Остин выпрямился в кресле, приняв более обычную позу, и встревоженно взглянул на меня:
– Что это значит?
– Возможно, слегка опустилось основание опорного столба. Если собор построен на заболоченной почве, возможно, где-то в полости был заперт болотный газ и теперь он вышел наружу.
– Не придется ли из-за этого отложить торжественное открытие органа?
– Не знаю.
– А ты не спрашивал?
– Нет.– Я был растерян.– Разве это важно? Остин медленно покачал головой.
В тот же миг начал бить большой соборный колокол.
– Час, – пробормотал Остин.– Тебе пора спать.– И, словно поправляя свои слова, добавил: – Я не даю тебе лечь.
– Ты прав, завтра мне нужно пораньше быть в библиотеке. Я постараюсь утром тебя не будить.
– Об этом не беспокойся, – проговорил он рассеянно.– У меня завтра очень хлопотный день. Я встану в то же время, что и ты. А может, и раньше.

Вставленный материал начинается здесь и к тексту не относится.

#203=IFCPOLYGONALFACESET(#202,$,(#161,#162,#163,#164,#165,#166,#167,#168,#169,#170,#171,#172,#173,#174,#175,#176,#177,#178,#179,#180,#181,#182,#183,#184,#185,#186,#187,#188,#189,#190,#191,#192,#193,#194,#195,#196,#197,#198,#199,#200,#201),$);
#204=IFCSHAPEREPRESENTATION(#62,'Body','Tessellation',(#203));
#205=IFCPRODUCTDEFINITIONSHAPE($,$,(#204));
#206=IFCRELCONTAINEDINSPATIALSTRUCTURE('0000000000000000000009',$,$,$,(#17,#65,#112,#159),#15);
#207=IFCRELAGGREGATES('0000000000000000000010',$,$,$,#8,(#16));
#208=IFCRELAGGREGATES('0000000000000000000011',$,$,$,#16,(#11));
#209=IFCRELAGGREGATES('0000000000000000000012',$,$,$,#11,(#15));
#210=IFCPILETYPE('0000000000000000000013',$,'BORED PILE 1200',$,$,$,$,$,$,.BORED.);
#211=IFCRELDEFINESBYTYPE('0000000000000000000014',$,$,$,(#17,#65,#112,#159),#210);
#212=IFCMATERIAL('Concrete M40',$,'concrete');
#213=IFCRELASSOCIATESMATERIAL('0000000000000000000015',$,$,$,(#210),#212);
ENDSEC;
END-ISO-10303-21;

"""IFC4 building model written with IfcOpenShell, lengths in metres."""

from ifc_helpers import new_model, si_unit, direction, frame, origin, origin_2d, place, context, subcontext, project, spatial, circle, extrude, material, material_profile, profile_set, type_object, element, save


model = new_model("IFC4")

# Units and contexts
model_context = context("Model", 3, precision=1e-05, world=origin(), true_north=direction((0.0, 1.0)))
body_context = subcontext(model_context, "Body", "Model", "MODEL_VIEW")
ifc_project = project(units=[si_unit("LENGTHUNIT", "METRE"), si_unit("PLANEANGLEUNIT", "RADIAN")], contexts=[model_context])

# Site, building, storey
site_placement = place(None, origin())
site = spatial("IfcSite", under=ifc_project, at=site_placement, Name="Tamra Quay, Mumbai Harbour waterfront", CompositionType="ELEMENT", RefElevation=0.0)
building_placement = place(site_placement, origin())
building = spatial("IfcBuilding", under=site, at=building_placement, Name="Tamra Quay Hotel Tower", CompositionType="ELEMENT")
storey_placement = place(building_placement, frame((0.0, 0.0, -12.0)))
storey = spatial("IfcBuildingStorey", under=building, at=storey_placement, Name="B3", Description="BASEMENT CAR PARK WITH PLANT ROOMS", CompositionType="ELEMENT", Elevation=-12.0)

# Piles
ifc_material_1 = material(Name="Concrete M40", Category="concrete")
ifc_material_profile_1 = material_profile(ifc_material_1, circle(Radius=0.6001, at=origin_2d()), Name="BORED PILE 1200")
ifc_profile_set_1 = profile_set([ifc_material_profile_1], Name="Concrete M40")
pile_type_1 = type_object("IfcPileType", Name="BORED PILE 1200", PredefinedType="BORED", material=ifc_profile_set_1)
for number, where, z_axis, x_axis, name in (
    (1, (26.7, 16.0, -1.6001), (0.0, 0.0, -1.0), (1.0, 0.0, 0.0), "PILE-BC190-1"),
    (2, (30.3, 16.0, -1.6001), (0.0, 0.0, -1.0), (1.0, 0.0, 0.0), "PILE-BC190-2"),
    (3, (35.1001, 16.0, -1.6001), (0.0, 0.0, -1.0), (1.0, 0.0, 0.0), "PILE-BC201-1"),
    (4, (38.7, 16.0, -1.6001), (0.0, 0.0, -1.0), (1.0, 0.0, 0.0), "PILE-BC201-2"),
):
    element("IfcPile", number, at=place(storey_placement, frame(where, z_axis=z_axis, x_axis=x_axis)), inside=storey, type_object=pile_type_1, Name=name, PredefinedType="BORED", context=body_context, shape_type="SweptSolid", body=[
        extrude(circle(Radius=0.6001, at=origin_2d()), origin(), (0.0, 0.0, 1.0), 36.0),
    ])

Обменявшись рукопожатием, мы расстались. Через четверть часа я лежал в постели, удобно пристроив открытую книгу. Я слышал, как Остин ходит по своей спальне на той стороне лестничной площадки, потому что, помня о его давешнем ночном кошмаре, оставил свою дверь приоткрытой.
Я скользил взглядом по странице, но ничего не воспринимал. Я вспоминал о том, какое раздражение вызвали у Остина мои расспросы, и мне пришло в голову, что сам он ни разу не осведомился о моих делах. Вначале я думал, что он деликатно обходит болезненные для меня темы, но теперь понял: ему просто неинтересно. В юности я не осознавал, насколько он погружен в себя, – потому, возможно, что и сам был настроен точно так же. Но чем старше я становился, тем более интересными находил других людей, а себя, соответственно, менее.
Однако, внезапно припомнилось мне, Остин следовал за мной, когда я посетил дом настоятеля, чтобы прочесть надпись. Значит, ему в конечном итоге все же небезразличны мои поступки?